Let's take a closer look:

Figure 1: Treatment 1 is the Voxelotor arm while Treatment 2 is the placebo arm. For both arms, every patient is listed, represented by X, according to the number of VOCs experienced within 12 weeks (0, 1, or 2 VOCs within 12 weeks) (Source: Social Science Statistics)

Figure 2: Note, both arms included 51 patients, represented by N1 and N2. Notice, M(2) in the placebo cohort is 0.65 (mean number of VOC episodes) while M(1) in the Voxelotor cohort is 0.47 (Source: Social Science Statistics)

Figure 3: Although the results are elegant, they are not considered statistically significant, as the p value is > 0.05 (Source: Social Science Statistics)

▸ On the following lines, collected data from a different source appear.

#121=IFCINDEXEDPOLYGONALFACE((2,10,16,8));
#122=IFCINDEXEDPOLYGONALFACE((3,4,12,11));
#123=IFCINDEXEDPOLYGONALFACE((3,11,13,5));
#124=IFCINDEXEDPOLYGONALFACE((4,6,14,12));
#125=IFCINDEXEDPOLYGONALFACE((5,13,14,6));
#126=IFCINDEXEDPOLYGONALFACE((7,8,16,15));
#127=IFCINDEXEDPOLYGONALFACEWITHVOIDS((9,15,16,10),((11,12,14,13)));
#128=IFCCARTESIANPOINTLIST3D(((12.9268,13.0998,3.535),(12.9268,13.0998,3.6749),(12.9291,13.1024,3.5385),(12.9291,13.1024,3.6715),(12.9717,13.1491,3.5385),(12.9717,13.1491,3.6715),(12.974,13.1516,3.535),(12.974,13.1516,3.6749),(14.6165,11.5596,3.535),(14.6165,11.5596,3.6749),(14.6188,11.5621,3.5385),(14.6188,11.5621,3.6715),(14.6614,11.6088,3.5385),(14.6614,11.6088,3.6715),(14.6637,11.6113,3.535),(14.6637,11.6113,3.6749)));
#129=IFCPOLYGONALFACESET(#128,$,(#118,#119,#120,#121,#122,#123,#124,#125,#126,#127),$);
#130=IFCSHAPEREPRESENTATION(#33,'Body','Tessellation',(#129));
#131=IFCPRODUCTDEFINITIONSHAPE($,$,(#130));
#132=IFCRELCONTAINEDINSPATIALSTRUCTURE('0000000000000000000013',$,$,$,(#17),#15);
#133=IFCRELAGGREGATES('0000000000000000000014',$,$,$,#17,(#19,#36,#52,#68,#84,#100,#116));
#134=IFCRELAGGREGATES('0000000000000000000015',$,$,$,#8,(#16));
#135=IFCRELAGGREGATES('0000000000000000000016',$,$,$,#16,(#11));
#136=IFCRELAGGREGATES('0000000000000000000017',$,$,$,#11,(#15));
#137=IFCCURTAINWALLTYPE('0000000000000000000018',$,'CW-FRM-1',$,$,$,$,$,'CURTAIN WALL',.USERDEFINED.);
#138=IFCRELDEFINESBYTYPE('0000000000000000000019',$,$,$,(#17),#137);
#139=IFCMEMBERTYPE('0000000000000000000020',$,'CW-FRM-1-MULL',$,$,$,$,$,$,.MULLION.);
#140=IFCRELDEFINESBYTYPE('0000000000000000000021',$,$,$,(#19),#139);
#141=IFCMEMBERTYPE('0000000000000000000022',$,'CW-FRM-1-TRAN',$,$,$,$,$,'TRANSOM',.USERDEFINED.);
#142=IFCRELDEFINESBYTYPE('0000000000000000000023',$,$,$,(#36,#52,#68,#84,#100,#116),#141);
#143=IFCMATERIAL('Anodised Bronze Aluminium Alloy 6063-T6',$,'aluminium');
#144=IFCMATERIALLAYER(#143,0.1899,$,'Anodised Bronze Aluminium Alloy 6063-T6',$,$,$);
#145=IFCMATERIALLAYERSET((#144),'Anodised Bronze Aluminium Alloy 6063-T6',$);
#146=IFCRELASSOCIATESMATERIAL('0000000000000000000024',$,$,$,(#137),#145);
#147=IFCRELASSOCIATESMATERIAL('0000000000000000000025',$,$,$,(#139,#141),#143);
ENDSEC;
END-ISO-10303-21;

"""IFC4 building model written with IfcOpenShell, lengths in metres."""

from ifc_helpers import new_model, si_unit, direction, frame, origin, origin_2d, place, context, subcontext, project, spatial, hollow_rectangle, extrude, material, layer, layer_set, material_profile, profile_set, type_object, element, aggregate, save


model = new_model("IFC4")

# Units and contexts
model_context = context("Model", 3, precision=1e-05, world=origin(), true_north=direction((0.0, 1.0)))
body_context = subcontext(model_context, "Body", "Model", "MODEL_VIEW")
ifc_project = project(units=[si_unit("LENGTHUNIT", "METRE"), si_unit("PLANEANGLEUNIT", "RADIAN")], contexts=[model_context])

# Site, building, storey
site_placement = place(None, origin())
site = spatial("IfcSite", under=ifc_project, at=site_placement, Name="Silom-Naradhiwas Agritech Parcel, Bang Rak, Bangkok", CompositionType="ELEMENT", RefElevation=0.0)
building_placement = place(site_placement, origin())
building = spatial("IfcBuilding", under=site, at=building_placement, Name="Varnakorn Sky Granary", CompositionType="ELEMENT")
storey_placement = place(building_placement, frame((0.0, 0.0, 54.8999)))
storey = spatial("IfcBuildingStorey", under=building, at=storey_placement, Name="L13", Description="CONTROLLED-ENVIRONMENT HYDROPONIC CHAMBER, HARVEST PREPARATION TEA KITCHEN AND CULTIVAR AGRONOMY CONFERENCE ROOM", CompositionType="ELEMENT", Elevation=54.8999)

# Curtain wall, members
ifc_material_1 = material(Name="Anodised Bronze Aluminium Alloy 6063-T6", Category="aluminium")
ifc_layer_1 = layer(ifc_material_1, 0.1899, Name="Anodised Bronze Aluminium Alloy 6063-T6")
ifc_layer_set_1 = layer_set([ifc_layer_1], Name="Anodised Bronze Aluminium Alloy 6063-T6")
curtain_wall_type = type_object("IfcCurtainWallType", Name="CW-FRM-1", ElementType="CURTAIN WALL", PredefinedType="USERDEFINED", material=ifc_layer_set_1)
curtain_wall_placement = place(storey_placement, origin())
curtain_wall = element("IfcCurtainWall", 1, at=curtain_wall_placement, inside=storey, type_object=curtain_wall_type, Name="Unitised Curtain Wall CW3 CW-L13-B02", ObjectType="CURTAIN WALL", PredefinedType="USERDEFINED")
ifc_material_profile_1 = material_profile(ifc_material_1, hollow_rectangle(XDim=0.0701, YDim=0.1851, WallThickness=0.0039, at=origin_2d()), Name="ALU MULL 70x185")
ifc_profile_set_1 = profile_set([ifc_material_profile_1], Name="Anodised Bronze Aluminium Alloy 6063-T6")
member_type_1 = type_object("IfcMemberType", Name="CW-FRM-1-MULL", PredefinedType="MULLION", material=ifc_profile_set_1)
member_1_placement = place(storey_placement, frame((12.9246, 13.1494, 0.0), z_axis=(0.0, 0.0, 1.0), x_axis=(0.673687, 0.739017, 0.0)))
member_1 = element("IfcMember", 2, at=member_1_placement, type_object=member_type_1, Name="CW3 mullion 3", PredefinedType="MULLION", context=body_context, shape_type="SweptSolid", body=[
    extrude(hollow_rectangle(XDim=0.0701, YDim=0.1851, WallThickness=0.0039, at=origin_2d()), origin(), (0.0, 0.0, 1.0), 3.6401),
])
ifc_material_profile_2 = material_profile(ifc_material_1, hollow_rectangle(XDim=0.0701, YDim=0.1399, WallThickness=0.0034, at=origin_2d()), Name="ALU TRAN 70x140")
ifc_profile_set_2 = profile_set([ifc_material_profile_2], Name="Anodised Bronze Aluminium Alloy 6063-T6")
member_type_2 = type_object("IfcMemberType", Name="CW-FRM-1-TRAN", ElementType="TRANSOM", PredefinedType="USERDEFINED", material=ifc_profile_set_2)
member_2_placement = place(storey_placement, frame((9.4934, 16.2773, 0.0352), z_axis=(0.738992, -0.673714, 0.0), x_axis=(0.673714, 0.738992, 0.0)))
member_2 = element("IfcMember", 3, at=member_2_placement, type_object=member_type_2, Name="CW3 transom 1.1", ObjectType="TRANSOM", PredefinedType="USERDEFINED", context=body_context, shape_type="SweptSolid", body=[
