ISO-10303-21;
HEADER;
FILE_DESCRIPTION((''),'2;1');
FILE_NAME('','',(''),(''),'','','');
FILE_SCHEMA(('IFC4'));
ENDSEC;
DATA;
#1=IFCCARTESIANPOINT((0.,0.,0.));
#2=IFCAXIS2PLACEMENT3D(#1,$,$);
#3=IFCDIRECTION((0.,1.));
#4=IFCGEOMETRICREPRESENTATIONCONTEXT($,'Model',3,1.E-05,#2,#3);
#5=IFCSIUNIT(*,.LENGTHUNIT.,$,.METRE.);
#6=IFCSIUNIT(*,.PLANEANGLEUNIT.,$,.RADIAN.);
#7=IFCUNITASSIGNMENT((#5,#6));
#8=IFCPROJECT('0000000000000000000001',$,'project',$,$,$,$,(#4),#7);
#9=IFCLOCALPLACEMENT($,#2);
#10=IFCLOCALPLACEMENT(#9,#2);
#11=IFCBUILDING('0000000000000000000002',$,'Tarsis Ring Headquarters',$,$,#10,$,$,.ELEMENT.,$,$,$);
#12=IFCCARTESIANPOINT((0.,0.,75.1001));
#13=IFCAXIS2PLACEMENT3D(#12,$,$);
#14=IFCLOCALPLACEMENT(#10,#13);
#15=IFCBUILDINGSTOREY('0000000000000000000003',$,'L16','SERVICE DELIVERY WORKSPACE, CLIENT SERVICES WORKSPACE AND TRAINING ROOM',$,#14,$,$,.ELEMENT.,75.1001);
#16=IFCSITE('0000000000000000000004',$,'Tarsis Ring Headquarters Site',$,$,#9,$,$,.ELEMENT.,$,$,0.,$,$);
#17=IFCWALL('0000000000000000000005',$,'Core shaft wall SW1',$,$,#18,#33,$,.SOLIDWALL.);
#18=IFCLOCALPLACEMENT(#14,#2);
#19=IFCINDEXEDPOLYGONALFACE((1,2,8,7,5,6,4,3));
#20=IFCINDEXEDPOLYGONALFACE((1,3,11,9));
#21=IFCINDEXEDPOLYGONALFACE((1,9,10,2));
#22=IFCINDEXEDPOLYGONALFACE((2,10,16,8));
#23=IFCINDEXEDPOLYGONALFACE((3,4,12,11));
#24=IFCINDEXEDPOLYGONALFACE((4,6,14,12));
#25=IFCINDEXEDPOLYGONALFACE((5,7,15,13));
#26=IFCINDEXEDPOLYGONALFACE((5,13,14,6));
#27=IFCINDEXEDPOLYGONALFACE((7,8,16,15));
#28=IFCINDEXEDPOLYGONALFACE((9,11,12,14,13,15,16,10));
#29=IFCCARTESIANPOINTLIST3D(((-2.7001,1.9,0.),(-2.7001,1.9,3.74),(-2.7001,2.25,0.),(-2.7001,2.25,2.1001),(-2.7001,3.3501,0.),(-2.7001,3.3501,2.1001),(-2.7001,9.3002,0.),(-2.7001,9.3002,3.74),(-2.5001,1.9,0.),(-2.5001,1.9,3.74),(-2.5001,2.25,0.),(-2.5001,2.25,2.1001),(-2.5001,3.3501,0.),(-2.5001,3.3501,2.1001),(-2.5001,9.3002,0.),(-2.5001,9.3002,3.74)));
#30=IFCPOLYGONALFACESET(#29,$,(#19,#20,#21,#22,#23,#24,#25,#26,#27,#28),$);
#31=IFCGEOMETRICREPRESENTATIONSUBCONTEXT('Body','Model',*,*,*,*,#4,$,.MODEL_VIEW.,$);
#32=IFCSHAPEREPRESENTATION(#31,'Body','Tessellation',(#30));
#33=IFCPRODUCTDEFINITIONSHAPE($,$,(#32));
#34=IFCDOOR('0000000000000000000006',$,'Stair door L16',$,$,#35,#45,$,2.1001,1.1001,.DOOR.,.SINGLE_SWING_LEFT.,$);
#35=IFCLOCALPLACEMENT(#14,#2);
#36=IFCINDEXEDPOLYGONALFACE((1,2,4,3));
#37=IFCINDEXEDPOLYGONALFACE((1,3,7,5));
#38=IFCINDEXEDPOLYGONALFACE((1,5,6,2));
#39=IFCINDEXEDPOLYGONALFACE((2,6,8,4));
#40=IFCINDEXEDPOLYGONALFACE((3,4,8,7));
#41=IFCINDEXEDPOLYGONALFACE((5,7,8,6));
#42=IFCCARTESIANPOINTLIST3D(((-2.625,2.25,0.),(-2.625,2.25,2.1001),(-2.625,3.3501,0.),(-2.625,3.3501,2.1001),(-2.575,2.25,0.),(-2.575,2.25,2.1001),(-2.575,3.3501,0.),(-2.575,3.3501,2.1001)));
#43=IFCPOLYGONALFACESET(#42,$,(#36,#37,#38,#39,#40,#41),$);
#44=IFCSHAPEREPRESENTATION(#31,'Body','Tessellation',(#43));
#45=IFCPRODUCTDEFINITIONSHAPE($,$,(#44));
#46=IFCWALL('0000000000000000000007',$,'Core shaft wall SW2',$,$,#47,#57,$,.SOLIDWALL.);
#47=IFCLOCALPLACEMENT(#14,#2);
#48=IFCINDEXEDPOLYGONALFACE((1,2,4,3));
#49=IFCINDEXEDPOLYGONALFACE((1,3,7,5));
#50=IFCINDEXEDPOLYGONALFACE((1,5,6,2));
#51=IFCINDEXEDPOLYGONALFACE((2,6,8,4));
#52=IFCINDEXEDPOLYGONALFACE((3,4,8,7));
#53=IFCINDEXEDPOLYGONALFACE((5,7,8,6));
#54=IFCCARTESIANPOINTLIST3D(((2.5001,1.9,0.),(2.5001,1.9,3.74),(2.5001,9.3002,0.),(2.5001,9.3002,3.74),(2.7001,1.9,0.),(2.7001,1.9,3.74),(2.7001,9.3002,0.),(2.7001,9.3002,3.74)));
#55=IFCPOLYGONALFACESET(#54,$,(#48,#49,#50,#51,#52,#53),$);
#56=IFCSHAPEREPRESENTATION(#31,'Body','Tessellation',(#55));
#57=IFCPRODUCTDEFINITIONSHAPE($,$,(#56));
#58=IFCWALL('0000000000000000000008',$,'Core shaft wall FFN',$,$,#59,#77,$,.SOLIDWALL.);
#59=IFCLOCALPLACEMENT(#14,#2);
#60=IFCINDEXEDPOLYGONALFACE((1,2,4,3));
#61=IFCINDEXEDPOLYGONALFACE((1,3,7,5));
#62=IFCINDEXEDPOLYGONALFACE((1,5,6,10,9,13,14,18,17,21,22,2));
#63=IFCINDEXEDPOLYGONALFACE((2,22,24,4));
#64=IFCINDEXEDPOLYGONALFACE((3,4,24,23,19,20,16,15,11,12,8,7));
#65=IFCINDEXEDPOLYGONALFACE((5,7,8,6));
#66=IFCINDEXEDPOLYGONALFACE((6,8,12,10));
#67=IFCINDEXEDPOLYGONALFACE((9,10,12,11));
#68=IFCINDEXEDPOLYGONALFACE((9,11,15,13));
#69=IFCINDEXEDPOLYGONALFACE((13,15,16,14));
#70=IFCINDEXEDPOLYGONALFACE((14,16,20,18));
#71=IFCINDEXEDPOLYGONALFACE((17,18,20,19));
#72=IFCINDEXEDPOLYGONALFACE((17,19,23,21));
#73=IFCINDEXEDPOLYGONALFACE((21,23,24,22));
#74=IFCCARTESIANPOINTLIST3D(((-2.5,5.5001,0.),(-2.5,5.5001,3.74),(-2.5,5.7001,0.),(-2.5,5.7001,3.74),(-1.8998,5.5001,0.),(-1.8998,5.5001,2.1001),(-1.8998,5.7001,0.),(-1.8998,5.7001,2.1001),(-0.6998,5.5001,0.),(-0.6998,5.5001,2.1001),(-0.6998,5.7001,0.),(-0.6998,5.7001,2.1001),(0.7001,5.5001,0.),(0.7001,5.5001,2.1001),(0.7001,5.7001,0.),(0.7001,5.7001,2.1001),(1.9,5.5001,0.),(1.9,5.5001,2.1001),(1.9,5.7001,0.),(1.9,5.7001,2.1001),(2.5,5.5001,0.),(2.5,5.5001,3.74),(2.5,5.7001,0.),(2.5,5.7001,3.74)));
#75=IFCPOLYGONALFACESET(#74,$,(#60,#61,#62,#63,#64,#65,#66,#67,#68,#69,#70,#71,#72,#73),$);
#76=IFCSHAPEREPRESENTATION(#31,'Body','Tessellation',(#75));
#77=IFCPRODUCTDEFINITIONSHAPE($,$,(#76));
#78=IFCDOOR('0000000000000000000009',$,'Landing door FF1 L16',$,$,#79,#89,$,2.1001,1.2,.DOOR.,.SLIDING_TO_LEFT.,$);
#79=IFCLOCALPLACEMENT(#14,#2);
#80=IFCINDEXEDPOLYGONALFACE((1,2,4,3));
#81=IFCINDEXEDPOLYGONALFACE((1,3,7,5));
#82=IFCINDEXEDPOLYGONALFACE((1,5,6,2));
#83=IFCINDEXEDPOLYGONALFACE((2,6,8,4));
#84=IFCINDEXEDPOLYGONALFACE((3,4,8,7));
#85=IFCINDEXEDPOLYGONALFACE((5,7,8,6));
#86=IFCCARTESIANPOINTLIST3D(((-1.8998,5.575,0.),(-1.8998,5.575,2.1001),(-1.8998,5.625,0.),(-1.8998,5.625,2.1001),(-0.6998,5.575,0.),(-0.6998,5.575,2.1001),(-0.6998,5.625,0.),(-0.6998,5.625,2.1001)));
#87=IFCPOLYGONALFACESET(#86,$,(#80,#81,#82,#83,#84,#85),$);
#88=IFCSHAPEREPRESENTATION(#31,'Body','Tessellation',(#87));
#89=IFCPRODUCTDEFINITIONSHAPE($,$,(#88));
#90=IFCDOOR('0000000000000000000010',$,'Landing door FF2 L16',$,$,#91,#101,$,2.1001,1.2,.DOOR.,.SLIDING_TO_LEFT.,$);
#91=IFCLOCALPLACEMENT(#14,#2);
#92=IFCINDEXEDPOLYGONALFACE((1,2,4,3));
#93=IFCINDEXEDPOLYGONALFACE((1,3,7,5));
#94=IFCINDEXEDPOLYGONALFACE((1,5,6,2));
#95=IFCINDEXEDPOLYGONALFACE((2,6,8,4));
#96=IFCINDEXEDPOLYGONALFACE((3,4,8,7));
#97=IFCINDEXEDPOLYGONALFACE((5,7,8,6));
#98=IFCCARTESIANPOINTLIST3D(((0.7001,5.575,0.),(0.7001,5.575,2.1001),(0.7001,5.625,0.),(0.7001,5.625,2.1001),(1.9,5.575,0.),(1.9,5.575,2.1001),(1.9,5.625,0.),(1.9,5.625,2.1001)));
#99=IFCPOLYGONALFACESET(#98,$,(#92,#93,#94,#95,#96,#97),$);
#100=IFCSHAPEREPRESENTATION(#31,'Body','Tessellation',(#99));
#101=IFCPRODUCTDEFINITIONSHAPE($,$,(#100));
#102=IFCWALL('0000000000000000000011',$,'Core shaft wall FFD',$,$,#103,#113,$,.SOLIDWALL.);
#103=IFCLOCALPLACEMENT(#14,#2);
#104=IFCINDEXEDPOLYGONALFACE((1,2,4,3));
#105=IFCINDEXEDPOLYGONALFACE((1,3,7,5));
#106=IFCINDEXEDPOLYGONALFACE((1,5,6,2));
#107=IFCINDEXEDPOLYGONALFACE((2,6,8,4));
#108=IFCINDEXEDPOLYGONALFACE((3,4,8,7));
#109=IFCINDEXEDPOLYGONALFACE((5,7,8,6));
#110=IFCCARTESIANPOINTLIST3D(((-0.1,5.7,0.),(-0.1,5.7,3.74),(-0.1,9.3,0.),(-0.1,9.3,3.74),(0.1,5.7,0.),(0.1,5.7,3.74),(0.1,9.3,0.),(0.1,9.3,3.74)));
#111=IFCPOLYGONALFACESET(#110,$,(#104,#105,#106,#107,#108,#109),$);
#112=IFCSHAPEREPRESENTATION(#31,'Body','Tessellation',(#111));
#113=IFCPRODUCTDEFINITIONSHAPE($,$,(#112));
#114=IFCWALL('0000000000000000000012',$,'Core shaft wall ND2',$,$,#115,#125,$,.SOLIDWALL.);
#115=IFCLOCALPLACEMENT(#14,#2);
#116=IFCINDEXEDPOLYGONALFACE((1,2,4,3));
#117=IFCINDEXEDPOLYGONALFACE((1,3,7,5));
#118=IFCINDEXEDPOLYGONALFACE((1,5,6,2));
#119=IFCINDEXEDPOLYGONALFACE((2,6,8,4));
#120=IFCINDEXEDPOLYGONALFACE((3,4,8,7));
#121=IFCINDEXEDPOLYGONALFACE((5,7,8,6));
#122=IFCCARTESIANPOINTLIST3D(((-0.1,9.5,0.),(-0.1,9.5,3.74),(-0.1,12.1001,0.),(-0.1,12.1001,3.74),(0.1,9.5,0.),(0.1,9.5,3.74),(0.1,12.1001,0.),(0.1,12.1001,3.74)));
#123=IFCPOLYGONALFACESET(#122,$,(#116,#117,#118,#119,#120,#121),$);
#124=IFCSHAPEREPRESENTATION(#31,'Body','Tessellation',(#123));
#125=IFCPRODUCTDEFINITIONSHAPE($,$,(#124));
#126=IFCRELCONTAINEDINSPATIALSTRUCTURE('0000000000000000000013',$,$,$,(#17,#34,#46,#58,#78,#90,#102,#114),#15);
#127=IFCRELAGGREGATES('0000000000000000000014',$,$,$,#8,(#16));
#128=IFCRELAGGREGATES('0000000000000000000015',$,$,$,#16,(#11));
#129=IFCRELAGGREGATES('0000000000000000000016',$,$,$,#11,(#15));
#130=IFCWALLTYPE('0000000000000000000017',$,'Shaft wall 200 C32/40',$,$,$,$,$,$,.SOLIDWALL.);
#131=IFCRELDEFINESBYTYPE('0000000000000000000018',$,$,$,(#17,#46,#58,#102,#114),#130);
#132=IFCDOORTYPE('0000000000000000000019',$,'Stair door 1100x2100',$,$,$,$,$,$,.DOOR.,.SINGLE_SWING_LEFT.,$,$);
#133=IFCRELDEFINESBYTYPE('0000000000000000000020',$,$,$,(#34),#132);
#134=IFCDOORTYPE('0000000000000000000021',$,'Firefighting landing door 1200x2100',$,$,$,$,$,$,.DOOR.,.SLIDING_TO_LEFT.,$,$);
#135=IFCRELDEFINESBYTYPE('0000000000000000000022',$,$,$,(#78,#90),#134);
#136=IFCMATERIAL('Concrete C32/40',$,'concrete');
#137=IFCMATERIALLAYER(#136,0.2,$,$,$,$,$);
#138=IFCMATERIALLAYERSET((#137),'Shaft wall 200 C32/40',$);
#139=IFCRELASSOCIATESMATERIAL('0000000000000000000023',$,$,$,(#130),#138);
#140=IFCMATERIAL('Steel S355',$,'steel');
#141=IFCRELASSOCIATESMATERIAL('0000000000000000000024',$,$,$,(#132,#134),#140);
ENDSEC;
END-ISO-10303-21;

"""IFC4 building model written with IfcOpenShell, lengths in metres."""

from ifc_helpers import new_model, si_unit, direction, frame, frame_2d, origin, place, context, subcontext, project, spatial, rectangle, extrude, material, layer, layer_set, type_object, element, fill, save


model = new_model("IFC4")

# Units and contexts
model_context = context("Model", 3, precision=1e-05, world=origin(), true_north=direction((0.0, 1.0)))
body_context = subcontext(model_context, "Body", "Model", "MODEL_VIEW")
ifc_project = project(units=[si_unit("LENGTHUNIT", "METRE"), si_unit("PLANEANGLEUNIT", "RADIAN")], contexts=[model_context])

# Site, building, storey
site_placement = place(None, origin())
site = spatial("IfcSite", under=ifc_project, at=site_placement, Name="Tarsis Ring Headquarters Site", CompositionType="ELEMENT", RefElevation=0.0)
building_placement = place(site_placement, origin())
building = spatial("IfcBuilding", under=site, at=building_placement, Name="Tarsis Ring Headquarters", CompositionType="ELEMENT")
storey_placement = place(building_placement, frame((0.0, 0.0, 75.1001)))
storey = spatial("IfcBuildingStorey", under=building, at=storey_placement, Name="L16", Description="SERVICE DELIVERY WORKSPACE, CLIENT SERVICES WORKSPACE AND TRAINING ROOM", CompositionType="ELEMENT", Elevation=75.1001)

# Shared definitions
ifc_material_1 = material(Name="Concrete C32/40", Category="concrete")
ifc_layer_1 = layer(ifc_material_1, 0.2)
ifc_layer_set_1 = layer_set([ifc_layer_1], Name="Shaft wall 200 C32/40")
wall_type_1 = type_object("IfcWallType", Name="Shaft wall 200 C32/40", PredefinedType="SOLIDWALL", material=ifc_layer_set_1)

Based on this statistical test, even though Voxelotor reduced VOC by over 25%, we have to accept the null hypothesis that Voxelotor doesn't make a difference in VOC.

Why is this the case despite a, seemingly, robust reduction (25%+)?

It's simple. Sample size influences p values:

Sample size strongly influences the P-value of a test. An effect that fails to be significant at a specified level alpha in a small sample can be significant in a larger sample.

Taking this into account, let's add, for example, 40 patients to each arm and redo the statistical test. The placebo arm will report 20 additional VOC events in 12 weeks (50%). The Voxelotor arm will report 16 additional VOC events in 12 weeks (20% reduction compared to placebo). When more patients/events are plugged in, the results suddenly become "significant" with a p value of 0.04. We didn't do anything (we continued to assume Voxelotor reduces VOC by 25%) but add more patients/events.

Summary

It is possible that Global Blood Therapeutics had the same exact data as the data I presented above (25%+ reduction in VOC). However, as we witnessed, even a 25% reduction was not considered significant in our test because of a small sample size. Instead, we can state that the Voxelotor arm had numerically fewer VOCs compared to placebo. More VOC events are required to claim "significance" for a total VOC reduction of 25%.

When interpreting data, it is vastly important for biotech investors to have a basic understanding of statistics. An investor without a basic understanding of statistics may have read the HOPE part A data as negative because it didn't reach "statistical significance". However, this was quite possibly the fault of a low sample size. Also recall, HOPE part A was never designed to seek statistical significance in secondary endpoints like VOC. That's what part B is/was designed for.

For now, it appears shares of GBT are trading at discounts that are likely the result of misunderstandings. If Voxelotor is a drug that can significantly reduce hemolytic anemia while provide numerical reductions in VOC (even if it's not considered "statistically significant), it is more than likely to provide clinical benefits in sickle cell disease patients. Despite the weakness in share price, GBT remains a conviction buy with a price target of $75 to be reached within 12-18 months.